As the students enter the classroom, I have a poll projected on the screen that says "Define Factoring." These two words strike fear in the eyes of even my best and brightest students. Many students tell me "Sure, I can do it. But I just can't explain it!"
The responses that you get from the poll will likely be mathematically weak. I use this lack of an ability to explain as a launch-pad for my lesson. I tell the students that they have very clearly mastered a skill, but have not grasped the fundamental mathematical CONCEPT. Today, I tell them, we will work to reveal the mystery of factoring.
I use www.polleverywhere.com to set up my classroom polls. I highly recommend giving it a try as an instructional tool in your classroom. Creating an account is quick, and free. Educators enjoy the benefit of exporting the poll results to a PowerPoint slide and saving them from year to year. This will be a potentially powerful source for measuring the impact of the Common Core transition. As we begin to ask these questions of the students more often, and the students are further exposited to the Common Core curriculum, we should see more well developed answers as the years progress.
I begin the lesson by writing a large, bold WHY? on the board. This, I tell the students, is one element of factoring that we will seek to answer today. Below this, I draw a rectangle and write inside of the rectangle that A=3x²+3x.
Next, I instruct the students to collaborate with their peers to find the dimensions of both sides in terms of x.
The majority of students will be able to recognize from Algebra I, that a GCF of 3x can be pulled out of the expression, yielding 3x(x+1). Therefore, one side is 3x and the other side is x+1. An excellent extension question for the students is to ask them which side is the longest? Most students will quickly say that 3x is the longest. However, this opens up the window for the critical thinkers to think of situations when 3 times something would actually be smaller than something plus 1. The students will then be able to come up with a set of negative values and fractions that are all counterexamples to the initial claim.

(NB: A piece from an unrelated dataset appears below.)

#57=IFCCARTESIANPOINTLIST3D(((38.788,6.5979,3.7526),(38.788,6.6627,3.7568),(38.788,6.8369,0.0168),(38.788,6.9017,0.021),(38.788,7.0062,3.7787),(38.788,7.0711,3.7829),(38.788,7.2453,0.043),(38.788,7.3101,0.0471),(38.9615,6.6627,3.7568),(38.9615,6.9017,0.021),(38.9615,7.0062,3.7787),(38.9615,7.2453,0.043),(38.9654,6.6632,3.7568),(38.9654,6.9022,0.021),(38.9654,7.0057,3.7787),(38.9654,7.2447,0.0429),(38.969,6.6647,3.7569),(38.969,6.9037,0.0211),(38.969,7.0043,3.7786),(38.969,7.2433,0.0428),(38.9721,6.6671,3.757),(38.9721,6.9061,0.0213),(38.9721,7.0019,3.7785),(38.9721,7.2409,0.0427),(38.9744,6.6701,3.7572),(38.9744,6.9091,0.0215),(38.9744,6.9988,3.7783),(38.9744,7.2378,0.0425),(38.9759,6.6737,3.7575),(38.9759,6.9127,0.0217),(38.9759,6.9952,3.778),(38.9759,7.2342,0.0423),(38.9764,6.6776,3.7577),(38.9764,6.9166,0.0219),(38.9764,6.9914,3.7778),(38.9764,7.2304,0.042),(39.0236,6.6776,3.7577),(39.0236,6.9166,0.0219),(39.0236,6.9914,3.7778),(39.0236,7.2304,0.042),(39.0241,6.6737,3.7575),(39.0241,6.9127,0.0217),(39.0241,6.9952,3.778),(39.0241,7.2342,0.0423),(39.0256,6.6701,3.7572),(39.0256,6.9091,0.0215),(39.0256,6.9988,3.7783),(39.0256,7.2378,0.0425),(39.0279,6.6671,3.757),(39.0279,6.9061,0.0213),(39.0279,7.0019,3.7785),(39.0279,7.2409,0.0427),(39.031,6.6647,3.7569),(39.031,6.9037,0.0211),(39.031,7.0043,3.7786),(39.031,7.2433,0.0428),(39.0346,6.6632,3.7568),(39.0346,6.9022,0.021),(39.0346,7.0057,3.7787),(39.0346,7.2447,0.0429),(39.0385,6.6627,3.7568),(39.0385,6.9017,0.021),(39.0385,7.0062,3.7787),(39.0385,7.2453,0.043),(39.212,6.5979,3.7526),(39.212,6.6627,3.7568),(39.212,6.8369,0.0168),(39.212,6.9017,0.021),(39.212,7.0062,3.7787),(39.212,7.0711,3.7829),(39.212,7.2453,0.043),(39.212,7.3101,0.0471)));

If mistake have be made in factoring out a GCF, these are usually easily remedied by showing the students that their answer would distribute incorrectly if re-multiplied, that is, not produce the desired 3x²+3x.
The homework assignment that I give for this lesson is attached. The first three problems ask the students to connect their learning about factoring to what is happening on the graph of a function. The final 10 questions ask the students to factor by grouping. A key thing to note is that they may have to take out a GCF first!